De la Sinceridad a la autenticidad - 8

Durante el capítulo se hacen algunas referencias al principio socrático de “conocerse a sí mismo”,


sin embargo, nuestro autor sitúa el surgimiento del problema de la autenticidad apenas en el
siglo XVIII, con Rousseau y Diderot. Cabe preguntarse si el surgimiento de dicho problema no
podría remontarse más bien a los tiempos de Sócrates, o por lo menos a su época. Lo que quiero
decir es: ¿No es el autoconocimiento condición necesaria y suficiente para la autenticidad?

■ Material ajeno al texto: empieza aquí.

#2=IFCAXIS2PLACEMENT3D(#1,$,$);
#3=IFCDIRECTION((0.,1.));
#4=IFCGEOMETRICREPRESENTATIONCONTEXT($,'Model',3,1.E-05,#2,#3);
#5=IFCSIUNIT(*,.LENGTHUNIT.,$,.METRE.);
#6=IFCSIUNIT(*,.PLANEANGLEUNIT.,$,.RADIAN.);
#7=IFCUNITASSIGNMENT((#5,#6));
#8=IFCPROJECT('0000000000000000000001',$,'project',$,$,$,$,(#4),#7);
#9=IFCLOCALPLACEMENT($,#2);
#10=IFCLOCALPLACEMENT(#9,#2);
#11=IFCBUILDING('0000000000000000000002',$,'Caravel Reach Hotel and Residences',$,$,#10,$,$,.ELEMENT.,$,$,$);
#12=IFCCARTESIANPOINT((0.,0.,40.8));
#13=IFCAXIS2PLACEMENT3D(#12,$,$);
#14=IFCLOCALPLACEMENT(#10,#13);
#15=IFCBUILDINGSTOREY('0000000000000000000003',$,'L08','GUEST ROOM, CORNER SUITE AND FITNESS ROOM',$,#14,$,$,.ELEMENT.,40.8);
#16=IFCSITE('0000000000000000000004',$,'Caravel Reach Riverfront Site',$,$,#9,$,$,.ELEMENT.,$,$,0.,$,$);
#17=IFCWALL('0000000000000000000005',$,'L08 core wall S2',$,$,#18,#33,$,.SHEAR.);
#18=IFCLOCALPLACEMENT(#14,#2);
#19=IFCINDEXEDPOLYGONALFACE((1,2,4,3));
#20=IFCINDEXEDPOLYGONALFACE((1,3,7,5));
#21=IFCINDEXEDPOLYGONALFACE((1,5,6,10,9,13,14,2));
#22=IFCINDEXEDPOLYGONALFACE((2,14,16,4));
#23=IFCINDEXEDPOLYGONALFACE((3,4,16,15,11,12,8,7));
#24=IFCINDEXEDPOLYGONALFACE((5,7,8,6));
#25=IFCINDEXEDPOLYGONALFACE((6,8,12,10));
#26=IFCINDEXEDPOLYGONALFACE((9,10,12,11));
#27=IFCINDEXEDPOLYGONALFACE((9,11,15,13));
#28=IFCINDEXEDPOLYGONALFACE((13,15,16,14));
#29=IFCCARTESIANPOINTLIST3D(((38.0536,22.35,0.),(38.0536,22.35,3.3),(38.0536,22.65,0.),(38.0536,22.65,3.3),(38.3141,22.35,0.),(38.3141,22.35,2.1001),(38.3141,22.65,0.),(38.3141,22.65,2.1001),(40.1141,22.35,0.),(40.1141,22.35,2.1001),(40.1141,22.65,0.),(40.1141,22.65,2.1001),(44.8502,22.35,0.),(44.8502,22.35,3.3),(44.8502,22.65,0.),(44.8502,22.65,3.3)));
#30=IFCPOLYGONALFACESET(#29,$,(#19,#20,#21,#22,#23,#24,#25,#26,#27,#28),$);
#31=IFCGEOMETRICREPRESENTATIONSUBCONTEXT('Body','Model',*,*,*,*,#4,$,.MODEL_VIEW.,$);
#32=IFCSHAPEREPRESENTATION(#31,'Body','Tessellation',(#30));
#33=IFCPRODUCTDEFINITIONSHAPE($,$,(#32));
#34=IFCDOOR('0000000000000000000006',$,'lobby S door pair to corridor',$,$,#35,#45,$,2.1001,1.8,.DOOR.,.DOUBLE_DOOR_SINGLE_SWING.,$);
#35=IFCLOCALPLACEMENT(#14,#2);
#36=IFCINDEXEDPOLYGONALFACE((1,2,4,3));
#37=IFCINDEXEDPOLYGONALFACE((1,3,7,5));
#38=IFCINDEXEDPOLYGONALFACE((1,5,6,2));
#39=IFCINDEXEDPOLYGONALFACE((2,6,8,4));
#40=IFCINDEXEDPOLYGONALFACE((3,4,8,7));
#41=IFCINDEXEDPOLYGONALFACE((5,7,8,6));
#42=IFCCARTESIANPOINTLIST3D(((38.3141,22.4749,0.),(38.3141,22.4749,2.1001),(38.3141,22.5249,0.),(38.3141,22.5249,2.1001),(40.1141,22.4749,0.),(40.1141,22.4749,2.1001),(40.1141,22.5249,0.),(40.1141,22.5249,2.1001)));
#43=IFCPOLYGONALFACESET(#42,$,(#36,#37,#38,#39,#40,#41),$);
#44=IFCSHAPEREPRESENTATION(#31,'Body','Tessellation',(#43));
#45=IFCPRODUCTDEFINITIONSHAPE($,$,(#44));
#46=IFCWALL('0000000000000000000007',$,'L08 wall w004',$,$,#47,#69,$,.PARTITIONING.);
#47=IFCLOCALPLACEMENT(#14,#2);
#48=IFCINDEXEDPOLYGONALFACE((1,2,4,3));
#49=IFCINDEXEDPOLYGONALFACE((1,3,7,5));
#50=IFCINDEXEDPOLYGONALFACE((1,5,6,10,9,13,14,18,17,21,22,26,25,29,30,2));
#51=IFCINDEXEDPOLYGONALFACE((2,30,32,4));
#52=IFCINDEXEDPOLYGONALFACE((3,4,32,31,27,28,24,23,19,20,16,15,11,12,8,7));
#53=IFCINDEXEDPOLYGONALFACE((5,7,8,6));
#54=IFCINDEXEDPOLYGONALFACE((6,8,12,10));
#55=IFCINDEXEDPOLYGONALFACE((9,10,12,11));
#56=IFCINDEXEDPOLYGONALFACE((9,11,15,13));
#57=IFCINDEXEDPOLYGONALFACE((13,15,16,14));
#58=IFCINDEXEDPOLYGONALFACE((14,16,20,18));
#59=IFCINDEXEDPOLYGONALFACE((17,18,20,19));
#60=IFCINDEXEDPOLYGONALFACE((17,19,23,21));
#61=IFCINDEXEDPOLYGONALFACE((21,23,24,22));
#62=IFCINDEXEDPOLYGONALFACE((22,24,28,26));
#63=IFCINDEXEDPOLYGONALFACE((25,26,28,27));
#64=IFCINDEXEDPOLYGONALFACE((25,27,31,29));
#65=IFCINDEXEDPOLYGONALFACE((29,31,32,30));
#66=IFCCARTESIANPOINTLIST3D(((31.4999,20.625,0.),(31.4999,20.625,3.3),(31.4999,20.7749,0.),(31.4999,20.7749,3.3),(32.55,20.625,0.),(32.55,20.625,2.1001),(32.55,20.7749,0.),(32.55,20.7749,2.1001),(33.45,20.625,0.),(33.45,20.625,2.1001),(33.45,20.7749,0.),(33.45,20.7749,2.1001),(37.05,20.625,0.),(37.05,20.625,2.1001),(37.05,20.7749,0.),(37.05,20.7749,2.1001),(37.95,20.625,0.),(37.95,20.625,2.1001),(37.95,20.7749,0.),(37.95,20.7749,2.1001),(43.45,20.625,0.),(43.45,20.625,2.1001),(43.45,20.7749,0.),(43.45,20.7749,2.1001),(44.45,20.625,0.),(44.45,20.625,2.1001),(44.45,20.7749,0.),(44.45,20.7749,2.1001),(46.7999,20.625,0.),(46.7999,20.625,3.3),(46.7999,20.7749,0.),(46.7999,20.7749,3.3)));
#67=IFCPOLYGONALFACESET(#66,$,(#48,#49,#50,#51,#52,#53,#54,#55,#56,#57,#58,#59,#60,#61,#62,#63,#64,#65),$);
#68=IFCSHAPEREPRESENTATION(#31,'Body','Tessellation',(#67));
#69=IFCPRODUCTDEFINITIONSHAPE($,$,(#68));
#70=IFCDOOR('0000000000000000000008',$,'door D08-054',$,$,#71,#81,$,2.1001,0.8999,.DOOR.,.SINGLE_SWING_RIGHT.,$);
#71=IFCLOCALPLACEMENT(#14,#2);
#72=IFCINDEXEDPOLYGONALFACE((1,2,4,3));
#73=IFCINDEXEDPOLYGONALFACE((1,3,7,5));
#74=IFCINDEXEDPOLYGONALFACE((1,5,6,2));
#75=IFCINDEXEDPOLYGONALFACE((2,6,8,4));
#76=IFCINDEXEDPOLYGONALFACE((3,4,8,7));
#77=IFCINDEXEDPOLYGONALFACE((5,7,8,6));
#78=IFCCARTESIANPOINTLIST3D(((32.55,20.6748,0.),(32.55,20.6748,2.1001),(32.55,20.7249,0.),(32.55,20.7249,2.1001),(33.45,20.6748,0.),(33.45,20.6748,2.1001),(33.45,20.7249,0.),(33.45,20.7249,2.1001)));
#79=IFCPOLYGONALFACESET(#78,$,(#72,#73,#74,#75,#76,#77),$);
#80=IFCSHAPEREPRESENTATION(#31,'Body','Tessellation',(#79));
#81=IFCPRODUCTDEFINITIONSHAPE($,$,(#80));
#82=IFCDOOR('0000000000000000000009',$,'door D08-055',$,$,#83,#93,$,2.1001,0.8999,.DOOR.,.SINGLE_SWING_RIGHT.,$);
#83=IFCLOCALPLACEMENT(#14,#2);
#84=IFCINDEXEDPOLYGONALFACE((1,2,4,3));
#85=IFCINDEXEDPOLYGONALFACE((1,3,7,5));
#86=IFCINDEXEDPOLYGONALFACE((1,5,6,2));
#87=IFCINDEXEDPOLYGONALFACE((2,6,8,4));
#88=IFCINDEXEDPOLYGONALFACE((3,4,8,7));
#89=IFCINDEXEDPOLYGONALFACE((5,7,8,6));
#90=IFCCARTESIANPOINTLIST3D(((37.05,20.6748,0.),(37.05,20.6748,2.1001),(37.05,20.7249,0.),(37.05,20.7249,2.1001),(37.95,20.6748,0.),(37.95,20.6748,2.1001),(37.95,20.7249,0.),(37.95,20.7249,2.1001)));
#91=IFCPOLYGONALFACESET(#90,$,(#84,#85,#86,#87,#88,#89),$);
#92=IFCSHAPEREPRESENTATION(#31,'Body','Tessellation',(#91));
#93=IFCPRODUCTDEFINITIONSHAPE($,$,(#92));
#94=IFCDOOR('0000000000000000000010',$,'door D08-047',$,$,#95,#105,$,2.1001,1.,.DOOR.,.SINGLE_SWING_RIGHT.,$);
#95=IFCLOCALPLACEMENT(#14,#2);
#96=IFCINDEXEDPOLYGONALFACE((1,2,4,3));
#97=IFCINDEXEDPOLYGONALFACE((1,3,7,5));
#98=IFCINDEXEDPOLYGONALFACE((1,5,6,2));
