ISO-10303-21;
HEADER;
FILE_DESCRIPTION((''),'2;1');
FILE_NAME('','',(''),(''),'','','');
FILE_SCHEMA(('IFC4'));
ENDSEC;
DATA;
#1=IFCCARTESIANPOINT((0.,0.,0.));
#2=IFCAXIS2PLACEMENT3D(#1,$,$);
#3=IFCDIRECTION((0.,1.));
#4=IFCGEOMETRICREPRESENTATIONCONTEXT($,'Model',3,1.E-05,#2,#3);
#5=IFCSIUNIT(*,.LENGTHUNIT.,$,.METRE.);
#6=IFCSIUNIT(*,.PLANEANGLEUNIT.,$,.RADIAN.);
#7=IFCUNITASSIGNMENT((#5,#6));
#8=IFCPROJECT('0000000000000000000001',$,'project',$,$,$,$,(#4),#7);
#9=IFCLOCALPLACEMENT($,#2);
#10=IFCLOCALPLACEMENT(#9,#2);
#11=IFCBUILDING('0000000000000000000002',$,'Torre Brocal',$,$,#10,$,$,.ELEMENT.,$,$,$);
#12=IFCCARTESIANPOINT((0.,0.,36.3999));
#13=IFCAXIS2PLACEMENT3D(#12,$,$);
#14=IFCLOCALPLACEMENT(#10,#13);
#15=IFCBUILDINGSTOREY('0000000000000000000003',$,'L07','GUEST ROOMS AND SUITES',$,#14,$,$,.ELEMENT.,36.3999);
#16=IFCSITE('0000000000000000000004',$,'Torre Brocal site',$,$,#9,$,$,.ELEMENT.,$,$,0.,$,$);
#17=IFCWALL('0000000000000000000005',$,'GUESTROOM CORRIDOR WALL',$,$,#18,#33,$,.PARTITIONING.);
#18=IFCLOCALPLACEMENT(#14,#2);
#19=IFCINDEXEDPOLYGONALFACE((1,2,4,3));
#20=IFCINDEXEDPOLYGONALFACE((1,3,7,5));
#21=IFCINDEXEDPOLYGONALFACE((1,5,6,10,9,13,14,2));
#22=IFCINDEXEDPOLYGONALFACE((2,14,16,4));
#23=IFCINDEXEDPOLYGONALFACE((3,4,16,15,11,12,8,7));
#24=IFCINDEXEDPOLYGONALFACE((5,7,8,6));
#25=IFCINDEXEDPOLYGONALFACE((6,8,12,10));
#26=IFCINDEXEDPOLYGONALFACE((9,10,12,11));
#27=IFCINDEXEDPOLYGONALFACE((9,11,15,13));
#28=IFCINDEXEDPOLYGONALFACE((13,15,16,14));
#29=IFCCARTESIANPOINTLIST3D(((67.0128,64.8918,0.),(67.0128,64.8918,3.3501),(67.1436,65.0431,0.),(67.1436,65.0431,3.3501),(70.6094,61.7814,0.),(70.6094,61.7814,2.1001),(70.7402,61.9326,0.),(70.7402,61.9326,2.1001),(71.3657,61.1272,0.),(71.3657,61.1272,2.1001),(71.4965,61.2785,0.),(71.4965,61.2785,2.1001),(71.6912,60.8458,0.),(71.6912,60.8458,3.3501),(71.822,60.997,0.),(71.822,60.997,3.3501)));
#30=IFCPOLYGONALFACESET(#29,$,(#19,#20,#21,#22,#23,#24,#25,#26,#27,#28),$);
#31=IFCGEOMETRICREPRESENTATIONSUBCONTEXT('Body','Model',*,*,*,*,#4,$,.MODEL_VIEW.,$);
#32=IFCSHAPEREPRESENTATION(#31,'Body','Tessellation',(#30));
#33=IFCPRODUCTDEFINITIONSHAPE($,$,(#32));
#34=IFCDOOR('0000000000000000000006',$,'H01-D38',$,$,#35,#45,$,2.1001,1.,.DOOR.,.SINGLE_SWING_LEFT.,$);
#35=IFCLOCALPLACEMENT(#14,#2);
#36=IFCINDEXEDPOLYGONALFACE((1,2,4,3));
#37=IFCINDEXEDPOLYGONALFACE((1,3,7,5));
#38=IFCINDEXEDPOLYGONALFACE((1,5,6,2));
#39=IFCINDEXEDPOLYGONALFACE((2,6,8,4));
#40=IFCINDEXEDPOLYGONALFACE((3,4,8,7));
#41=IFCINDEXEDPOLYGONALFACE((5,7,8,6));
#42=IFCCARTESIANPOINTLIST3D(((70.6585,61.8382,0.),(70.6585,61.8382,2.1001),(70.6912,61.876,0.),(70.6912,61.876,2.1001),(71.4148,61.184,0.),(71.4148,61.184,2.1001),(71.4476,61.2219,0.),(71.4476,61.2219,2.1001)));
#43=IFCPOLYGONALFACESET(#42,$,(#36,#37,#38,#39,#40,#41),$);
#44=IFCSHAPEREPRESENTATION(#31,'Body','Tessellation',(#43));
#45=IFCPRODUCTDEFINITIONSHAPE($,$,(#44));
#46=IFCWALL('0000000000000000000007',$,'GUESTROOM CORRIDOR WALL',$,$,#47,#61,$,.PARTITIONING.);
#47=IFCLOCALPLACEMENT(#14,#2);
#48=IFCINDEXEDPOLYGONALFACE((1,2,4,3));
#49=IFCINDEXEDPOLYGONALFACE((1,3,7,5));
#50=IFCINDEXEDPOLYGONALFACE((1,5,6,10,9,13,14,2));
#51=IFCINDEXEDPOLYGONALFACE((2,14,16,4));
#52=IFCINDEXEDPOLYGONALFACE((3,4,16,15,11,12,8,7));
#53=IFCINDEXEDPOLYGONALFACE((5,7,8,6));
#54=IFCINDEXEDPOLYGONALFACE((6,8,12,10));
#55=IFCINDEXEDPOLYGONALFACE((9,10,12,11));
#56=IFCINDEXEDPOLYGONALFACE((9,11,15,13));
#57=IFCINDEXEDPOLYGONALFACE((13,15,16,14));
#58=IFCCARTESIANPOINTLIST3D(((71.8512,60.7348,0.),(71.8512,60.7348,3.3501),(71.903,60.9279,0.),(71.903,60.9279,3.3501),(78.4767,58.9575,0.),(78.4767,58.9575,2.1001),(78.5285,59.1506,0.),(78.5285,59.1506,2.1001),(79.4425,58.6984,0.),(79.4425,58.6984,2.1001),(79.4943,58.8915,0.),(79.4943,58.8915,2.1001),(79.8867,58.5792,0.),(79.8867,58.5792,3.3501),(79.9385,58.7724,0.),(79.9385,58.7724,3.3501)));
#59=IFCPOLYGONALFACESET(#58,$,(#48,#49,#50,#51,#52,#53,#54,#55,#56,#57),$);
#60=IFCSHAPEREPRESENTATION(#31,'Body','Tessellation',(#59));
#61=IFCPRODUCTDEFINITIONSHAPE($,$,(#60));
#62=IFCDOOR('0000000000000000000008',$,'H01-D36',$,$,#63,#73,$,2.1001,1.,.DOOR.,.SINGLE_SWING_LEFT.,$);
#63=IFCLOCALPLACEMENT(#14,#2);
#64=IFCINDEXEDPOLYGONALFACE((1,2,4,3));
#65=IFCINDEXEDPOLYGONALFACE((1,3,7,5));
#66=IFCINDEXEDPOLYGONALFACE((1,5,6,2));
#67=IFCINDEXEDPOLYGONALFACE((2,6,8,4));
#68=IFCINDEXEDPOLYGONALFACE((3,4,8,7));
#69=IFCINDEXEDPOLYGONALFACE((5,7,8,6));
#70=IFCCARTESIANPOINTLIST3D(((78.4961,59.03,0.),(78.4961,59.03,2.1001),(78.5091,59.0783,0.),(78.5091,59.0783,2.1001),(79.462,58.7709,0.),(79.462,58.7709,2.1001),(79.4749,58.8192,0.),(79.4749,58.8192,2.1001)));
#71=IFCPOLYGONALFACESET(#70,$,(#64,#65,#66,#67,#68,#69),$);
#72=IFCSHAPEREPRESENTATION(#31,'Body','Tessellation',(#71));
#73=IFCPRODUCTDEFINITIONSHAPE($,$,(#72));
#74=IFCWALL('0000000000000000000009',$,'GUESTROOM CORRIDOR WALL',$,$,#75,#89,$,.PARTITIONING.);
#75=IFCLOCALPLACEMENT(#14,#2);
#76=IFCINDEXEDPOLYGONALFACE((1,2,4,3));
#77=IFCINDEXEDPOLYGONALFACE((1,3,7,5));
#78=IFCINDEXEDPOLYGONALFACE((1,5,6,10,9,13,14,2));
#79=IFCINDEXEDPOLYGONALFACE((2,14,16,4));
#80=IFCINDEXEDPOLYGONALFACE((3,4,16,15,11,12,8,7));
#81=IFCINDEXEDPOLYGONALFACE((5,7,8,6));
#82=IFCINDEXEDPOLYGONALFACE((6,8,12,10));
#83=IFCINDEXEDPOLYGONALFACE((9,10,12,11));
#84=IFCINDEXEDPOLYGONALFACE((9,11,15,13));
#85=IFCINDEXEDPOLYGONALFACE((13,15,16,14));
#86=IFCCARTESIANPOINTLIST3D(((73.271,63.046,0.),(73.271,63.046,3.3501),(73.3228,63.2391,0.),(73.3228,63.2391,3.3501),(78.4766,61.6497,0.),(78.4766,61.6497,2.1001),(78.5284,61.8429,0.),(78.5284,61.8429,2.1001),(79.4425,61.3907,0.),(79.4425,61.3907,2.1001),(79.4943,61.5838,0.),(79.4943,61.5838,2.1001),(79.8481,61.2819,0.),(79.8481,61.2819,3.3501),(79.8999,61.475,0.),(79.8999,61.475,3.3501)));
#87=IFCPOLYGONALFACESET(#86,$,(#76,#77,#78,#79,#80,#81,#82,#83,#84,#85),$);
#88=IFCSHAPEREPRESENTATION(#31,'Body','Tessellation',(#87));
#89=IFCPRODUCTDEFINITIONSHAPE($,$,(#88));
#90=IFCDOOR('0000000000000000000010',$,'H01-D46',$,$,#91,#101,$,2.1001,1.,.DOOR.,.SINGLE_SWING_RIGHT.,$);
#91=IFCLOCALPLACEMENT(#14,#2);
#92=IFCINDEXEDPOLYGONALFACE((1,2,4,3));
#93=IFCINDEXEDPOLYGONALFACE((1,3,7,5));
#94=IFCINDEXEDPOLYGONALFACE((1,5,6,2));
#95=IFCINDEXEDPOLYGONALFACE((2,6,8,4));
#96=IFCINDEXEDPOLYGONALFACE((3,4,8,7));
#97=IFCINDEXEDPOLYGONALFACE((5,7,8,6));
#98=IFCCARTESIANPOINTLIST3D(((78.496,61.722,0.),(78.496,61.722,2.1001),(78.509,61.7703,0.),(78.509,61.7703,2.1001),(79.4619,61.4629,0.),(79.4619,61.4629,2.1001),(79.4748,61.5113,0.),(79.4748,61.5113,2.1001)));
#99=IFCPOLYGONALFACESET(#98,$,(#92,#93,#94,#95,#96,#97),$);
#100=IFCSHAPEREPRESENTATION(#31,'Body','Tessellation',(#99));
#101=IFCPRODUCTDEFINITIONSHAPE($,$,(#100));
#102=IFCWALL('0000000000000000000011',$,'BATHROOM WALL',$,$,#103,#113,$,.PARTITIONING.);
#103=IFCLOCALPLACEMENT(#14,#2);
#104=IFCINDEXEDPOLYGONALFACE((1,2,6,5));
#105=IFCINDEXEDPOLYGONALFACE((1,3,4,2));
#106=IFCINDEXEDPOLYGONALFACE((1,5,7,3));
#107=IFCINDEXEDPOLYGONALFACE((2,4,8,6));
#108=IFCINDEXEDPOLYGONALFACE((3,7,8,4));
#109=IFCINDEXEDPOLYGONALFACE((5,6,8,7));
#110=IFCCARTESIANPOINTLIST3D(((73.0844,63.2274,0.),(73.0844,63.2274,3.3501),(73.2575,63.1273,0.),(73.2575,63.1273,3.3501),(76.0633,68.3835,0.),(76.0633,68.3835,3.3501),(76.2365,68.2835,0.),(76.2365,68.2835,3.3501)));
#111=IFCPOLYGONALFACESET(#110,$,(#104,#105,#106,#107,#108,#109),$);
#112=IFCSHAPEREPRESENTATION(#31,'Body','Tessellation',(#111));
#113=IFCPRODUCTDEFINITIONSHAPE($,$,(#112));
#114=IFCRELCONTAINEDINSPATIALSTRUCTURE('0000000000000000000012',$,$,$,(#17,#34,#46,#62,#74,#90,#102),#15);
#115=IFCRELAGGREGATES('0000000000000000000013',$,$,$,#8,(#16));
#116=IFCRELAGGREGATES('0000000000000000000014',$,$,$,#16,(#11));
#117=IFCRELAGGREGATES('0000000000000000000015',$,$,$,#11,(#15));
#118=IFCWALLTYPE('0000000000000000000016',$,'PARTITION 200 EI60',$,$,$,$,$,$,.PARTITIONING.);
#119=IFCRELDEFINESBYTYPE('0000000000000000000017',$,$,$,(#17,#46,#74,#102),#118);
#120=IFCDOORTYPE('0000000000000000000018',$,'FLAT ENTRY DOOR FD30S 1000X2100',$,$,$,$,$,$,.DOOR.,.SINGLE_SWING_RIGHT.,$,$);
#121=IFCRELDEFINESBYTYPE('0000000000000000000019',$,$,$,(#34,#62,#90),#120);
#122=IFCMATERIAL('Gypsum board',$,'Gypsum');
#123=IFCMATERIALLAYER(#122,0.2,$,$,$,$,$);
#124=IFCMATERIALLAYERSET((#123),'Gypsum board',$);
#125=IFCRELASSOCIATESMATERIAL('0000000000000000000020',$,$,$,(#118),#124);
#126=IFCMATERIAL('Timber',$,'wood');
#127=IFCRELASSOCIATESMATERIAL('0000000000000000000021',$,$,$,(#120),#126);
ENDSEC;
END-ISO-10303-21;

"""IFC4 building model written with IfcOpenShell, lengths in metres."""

from ifc_helpers import new_model, si_unit, direction, frame, frame_2d, origin, place, context, subcontext, project, spatial, rectangle, extrude, material, layer, layer_set, type_object, element, fill, save


model = new_model("IFC4")

# Units and contexts
model_context = context("Model", 3, precision=1e-05, world=origin(), true_north=direction((0.0, 1.0)))
body_context = subcontext(model_context, "Body", "Model", "MODEL_VIEW")
ifc_project = project(units=[si_unit("LENGTHUNIT", "METRE"), si_unit("PLANEANGLEUNIT", "RADIAN")], contexts=[model_context])

# Site, building, storey
site_placement = place(None, origin())
site = spatial("IfcSite", under=ifc_project, at=site_placement, Name="Torre Brocal site", CompositionType="ELEMENT", RefElevation=0.0)
building_placement = place(site_placement, origin())
building = spatial("IfcBuilding", under=site, at=building_placement, Name="Torre Brocal", CompositionType="ELEMENT")
storey_placement = place(building_placement, frame((0.0, 0.0, 36.3999)))
storey = spatial("IfcBuildingStorey", under=building, at=storey_placement, Name="L07", Description="GUEST ROOMS AND SUITES", CompositionType="ELEMENT", Elevation=36.3999)

# Walls, openings, doors
ifc_material_1 = material(Name="Gypsum board", Category="Gypsum")
ifc_layer_1 = layer(ifc_material_1, 0.2)
ifc_layer_set_1 = layer_set([ifc_layer_1], Name="Gypsum board")
wall_type_1 = type_object("IfcWallType", Name="PARTITION 200 EI60", PredefinedType="PARTITIONING", material=ifc_layer_set_1)
wall_1_placement = place(storey_placement, frame((67.0781, 64.9675, 0.0), z_axis=(0.0, 0.0, 1.0), x_axis=(0.756371, -0.654143, 0.0)))
wall_1 = element("IfcWall", 1, at=wall_1_placement, inside=storey, type_object=wall_type_1, Name="GUESTROOM CORRIDOR WALL", PredefinedType="PARTITIONING", context=body_context, shape_type="SweptSolid", body=[
    extrude(rectangle(XDim=6.1853, YDim=0.2, at=frame_2d((3.0928, 0.0))), origin(), (0.0, 0.0, 1.0), 3.3501),
])
opening_1_placement = place(wall_1_placement, frame((4.7551, 0.0, 0.0)))
opening_1 = element("IfcOpeningElement", 2, at=opening_1_placement, cuts=wall_1, PredefinedType="OPENING", context=body_context, shape_type="SweptSolid", body=[
    extrude(rectangle(XDim=1.0, YDim=2.1001, at=frame_2d((0.5, 1.05))), frame((0.0, 0.1099, 0.0), z_axis=(0.0, -1.0, 0.0), x_axis=(1.0, 0.0, 0.0)), (0.0, 0.0, 1.0), 0.22),
])
ifc_material_2 = material(Name="Timber", Category="wood")
door_type_1 = type_object("IfcDoorType", Name="FLAT ENTRY DOOR FD30S 1000X2100", OperationType="SINGLE_SWING_RIGHT", PredefinedType="DOOR", material=ifc_material_2)
door_1_placement = place(opening_1_placement, frame((1.0, 0.0, 0.0), z_axis=(0.0, 0.0, 1.0), x_axis=(-1.0, 0.0, 0.0)))
door_1 = element("IfcDoor", 3, at=door_1_placement, inside=storey, type_object=door_type_1, Name="H01-D38", OperationType="SINGLE_SWING_LEFT", OverallHeight=2.1001, OverallWidth=1.0, PredefinedType="DOOR", context=body_context, shape_type="SweptSolid", body=[
    extrude(rectangle(XDim=1.0, YDim=2.1001, at=frame_2d((0.5, 1.05))), frame((0.0, 0.0249, 0.0), z_axis=(0.0, -1.0, 0.0), x_axis=(1.0, 0.0, 0.0)), (0.0, 0.0, 1.0), 0.05),
])
fill(opening_1, door_1)
wall_2_placement = place(storey_placement, frame((71.8772, 60.8313, 0.0), z_axis=(0.0, 0.0, 1.0), x_axis=(0.965853, -0.259093, 0.0)))
wall_2 = element("IfcWall", 4, at=wall_2_placement, inside=storey, type_object=wall_type_1, Name="GUESTROOM CORRIDOR WALL", PredefinedType="PARTITIONING", context=body_context, shape_type="SweptSolid", body=[
    extrude(rectangle(XDim=8.3196, YDim=0.2, at=frame_2d((4.1597, 0.0))), origin(), (0.0, 0.0, 1.0), 3.3501),
])
opening_2_placement = place(wall_2_placement, frame((6.8596, 0.0, 0.0)))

Hume dijo de Rousseau: “... nadie se conoce menos a sí mismo”. ¿Y cómo alguien que no se
conoce a sí mismo puede ser auténtico? ¿Creeríamos en la autenticidad de alguien que no sabe
realmente lo que piensa o lo que es? Puede ser que el caso del “sobrino de Romeau” sea más
propicio para hablar de autenticidad y posteriormente de confianza, pero se puede tener la
intuición de que el problema se puede rastrear ya en los escritos platónicos.

Además del principio de “conocerse a sí mismo” -que es primordial en el camino de cualquier


hombre para llegar posteriormente al saber- Sócrates siempre pide a sus interlocutores (y
también promete él mismo) ser sincero. De hecho, cuando intuye que alguno no está siendo
sincero le ruega de nuevo que siga el curso de lo que realmente cree.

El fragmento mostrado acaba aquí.